The operator of a vehicle with the right-of-way is entitled to assume that others will obey the traffic laws requiring them to yield (see Mu-Jin Chen v Cardenia, 138 AD3d 1126, 1127; Canales v Arichabala, 123 AD3d 869, 870). However, a driver who has the right-of-way has a duty to exercise reasonable care to avoid a collision, to see what there is to be seen through the proper use of his or her senses, and to drive at a speed that is reasonable and prudent under the conditions, having regard to the actual and potential hazards then existing (see Vehicle and Traffic Law §§ 1146[a], 1180[a]; Mu-Jin Chen v Cardenia, 138 AD3d at 1127; Canales v Arichabala, 123 AD3d [*2]at 870; Brandt v Zahner, 110 AD3d 752, 752).

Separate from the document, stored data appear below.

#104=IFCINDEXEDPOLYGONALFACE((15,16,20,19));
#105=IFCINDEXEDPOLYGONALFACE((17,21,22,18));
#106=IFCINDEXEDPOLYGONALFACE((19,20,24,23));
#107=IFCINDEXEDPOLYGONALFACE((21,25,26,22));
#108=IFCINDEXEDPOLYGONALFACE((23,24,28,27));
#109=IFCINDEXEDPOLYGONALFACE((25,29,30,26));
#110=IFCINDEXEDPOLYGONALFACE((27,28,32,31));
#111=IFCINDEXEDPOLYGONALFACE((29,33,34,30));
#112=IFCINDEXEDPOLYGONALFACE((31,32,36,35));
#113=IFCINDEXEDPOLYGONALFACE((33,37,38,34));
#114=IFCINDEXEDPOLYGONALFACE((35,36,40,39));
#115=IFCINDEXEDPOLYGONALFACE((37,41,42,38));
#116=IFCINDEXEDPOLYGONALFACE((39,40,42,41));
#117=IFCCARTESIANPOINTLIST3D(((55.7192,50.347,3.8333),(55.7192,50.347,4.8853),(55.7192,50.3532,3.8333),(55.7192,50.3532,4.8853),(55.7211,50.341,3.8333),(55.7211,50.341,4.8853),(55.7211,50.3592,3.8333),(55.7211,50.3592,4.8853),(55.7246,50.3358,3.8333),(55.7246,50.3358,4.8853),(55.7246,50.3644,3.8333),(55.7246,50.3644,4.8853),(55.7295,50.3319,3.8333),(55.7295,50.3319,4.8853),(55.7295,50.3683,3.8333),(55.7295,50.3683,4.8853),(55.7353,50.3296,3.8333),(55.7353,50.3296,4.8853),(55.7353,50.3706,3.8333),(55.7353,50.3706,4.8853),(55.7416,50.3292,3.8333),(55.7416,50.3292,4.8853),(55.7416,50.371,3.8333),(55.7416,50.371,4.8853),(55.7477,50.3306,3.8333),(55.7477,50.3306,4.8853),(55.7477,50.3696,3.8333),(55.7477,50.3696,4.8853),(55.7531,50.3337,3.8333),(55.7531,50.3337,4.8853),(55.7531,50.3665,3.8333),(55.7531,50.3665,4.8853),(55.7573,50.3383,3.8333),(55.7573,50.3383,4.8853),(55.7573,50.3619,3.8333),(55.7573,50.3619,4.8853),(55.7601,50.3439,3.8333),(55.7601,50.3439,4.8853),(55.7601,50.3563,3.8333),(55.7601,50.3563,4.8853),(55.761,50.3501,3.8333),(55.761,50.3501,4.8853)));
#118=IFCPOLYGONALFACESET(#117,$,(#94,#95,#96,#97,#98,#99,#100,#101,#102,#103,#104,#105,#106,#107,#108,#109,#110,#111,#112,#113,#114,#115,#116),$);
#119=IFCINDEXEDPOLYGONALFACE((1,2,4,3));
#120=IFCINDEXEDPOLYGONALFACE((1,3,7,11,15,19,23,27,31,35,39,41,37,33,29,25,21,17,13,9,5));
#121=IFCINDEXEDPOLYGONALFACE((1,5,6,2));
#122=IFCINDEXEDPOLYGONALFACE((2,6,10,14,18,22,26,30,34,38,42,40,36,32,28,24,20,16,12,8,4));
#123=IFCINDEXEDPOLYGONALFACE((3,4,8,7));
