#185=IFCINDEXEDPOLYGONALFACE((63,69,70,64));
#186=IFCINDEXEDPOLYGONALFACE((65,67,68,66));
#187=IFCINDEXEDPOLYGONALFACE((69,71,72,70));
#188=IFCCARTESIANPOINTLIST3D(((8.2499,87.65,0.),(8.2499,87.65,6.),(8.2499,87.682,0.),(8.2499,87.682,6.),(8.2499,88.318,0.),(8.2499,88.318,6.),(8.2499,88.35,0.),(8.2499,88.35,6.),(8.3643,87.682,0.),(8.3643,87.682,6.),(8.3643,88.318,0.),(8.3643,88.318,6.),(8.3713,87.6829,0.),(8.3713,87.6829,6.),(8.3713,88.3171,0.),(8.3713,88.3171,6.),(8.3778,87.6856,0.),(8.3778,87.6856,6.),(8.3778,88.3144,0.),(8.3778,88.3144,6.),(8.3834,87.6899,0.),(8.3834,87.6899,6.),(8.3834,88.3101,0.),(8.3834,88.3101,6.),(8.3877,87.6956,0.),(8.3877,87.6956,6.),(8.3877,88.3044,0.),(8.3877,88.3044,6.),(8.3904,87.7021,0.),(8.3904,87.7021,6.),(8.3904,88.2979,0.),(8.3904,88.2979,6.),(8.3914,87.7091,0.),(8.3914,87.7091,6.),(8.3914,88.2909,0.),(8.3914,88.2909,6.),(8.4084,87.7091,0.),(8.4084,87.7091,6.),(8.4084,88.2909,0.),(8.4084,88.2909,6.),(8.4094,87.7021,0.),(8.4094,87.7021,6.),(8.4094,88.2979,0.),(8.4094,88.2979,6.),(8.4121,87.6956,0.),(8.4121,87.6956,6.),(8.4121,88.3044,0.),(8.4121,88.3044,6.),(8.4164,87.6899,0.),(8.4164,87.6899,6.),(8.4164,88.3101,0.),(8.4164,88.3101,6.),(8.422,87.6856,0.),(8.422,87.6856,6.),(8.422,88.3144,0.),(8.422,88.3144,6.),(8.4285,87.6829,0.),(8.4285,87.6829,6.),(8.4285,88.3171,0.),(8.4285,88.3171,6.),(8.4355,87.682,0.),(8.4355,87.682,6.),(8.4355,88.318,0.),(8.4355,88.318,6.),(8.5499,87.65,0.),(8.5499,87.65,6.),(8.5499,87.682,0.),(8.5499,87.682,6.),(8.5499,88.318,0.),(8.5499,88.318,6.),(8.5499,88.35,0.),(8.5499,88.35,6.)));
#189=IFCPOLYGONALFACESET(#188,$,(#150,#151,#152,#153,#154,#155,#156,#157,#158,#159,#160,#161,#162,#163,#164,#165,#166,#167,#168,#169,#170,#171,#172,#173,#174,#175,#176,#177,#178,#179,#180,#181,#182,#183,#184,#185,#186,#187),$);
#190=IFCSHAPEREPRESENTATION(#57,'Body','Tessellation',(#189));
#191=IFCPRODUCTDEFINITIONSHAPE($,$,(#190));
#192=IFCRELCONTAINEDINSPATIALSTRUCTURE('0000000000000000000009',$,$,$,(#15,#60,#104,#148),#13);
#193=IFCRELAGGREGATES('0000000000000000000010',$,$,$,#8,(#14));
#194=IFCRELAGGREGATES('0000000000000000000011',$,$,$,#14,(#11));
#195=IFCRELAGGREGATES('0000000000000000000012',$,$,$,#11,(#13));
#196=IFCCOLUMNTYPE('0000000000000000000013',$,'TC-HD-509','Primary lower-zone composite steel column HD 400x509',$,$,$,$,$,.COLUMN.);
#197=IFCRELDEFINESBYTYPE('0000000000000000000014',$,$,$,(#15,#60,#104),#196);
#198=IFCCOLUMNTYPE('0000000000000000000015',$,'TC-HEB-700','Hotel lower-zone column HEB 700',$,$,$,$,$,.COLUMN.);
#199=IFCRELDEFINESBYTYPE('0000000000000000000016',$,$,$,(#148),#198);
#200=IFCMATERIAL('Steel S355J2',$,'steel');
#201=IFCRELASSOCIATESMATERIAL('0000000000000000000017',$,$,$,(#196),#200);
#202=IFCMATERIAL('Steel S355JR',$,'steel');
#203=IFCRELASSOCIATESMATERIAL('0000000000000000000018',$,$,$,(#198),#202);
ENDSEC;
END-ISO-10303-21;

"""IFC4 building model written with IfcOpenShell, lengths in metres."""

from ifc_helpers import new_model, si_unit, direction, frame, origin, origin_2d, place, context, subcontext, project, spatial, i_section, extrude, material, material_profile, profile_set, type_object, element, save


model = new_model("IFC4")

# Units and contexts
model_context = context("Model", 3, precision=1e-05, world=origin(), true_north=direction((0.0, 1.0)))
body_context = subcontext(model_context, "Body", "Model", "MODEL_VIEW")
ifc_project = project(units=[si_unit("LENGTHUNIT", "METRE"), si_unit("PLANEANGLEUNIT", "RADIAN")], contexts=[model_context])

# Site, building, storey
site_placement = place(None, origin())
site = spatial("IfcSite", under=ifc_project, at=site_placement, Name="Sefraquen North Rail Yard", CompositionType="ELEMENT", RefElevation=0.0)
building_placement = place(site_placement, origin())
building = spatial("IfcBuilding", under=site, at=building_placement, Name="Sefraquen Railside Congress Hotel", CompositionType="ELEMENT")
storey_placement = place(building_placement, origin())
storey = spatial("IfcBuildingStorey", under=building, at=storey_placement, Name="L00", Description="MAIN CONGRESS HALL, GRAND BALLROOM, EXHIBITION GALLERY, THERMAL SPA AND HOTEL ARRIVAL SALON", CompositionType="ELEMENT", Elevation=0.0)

Since there can be more than one proximate cause of an accident, a defendant moving for summary judgment has the burden of establishing freedom from comparative negligence as a matter of law (see Inesta v Florio, 159 AD3d 682; Colpan v Allied Cent. Ambulette, Inc., 97 AD3d 776, 777; Pollack v Margolin, 84 AD3d 1341). "In order for a defendant driver to establish entitlement to summary judgment on the issue of liability in a motor vehicle collision case, the driver must demonstrate, prima facie, inter alia, that he or she kept the proper lookout, or that his or her alleged negligence, if any, did not contribute to the accident" (Ellis v Vazquez, 155 AD3d 694, 695; see Fried v Misser, 115 AD3d 910, 911; Brandt v Zahner, 110 AD3d at 753; Topalis v Zwolski, 76 AD3d 524, 525). The issue of comparative fault is generally a question for the trier of fact (see CPLR 1411; Inesta v Florio, 159 AD3d 682; Gezelter v Pecora, 129 AD3d 1021, 1022; Colpan v Allied Cent. Ambulette, Inc., 97 AD3d at 777; Allen v Echols, 88 AD3d 926, 927).

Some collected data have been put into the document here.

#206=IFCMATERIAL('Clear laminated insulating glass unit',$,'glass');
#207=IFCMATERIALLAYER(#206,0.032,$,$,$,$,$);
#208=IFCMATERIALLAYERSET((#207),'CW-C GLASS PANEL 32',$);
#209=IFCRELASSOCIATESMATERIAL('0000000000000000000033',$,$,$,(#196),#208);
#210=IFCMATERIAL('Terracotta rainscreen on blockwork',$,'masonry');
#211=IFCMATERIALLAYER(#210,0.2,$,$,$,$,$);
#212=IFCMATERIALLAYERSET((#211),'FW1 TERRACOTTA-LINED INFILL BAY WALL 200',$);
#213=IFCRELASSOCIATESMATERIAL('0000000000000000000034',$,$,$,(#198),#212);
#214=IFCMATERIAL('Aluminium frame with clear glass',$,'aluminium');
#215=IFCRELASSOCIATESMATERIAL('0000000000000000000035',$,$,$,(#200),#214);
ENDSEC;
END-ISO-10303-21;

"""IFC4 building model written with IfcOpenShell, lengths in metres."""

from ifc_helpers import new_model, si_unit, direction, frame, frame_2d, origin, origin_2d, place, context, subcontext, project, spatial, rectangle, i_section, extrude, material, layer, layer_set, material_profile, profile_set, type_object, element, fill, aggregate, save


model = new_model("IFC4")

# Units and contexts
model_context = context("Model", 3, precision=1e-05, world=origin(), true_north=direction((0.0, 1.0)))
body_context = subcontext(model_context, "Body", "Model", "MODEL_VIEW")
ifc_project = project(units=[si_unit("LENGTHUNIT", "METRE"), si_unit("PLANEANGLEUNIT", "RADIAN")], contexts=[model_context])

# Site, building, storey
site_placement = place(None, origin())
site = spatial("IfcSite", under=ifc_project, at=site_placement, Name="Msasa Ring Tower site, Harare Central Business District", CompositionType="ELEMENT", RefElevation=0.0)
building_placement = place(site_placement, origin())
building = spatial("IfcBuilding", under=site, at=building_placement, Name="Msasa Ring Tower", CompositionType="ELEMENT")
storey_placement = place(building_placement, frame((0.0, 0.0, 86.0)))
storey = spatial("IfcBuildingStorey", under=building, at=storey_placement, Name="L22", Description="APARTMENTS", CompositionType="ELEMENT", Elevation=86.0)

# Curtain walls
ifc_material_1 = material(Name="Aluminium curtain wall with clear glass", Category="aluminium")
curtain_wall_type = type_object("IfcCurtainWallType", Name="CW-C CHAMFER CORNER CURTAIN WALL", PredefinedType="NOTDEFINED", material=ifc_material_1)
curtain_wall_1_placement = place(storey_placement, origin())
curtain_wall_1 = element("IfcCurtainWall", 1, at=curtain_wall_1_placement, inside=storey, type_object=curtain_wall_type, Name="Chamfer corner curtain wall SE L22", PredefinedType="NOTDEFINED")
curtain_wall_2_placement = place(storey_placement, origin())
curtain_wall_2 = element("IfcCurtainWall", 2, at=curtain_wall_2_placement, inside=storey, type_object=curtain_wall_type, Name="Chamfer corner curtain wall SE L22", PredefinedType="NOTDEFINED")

Here, the defendants failed to establish, prima facie, that Perrone was free from comparative fault in the happening of the accident. In particular, the defendants failed to eliminate triable issues of fact as to whether Perrone kept a proper lookout or was traveling at a reasonable and prudent speed as he approached the intersection in light of the conditions then present (see Inesta v Florio, 159 AD3d 682; Ellis v Vazquez, 155 AD3d at 695; Rojas v Solis, 154 AD3d 985; Mu-Jin Chen v Cardenia, 138 AD3d at 1128; Canales v Arichabala, 123 AD3d at 870; Espiritu v Shuttle Express Coach, Inc., 115 AD3d 787, 789; Colpan v Allied Cent. Ambulette, Inc., 97 AD3d at 777; Tapia v Royal Tours Serv., Inc., 67 AD3d 894, 896; see also Ferrer v Harris, 55 NY2d 285, 291, affd 56 NY2d 737; Ortega v Ting, 172 AD3d 1217; St. Andrew v O'Brien, 45 AD3d 1024, 1028). Accordingly, the Supreme Court should have denied the motion without regard to the sufficiency of the opposing papers (see Alvarez v Propsect Hosp., 68 NY2d 320, 324; Winegrad v New York Univ. Med. Ctr., 64 NY2d 851, 853).
RIVERA, J.P., ROMAN, MILLER and BRATHWAITE NELSON, JJ., concur.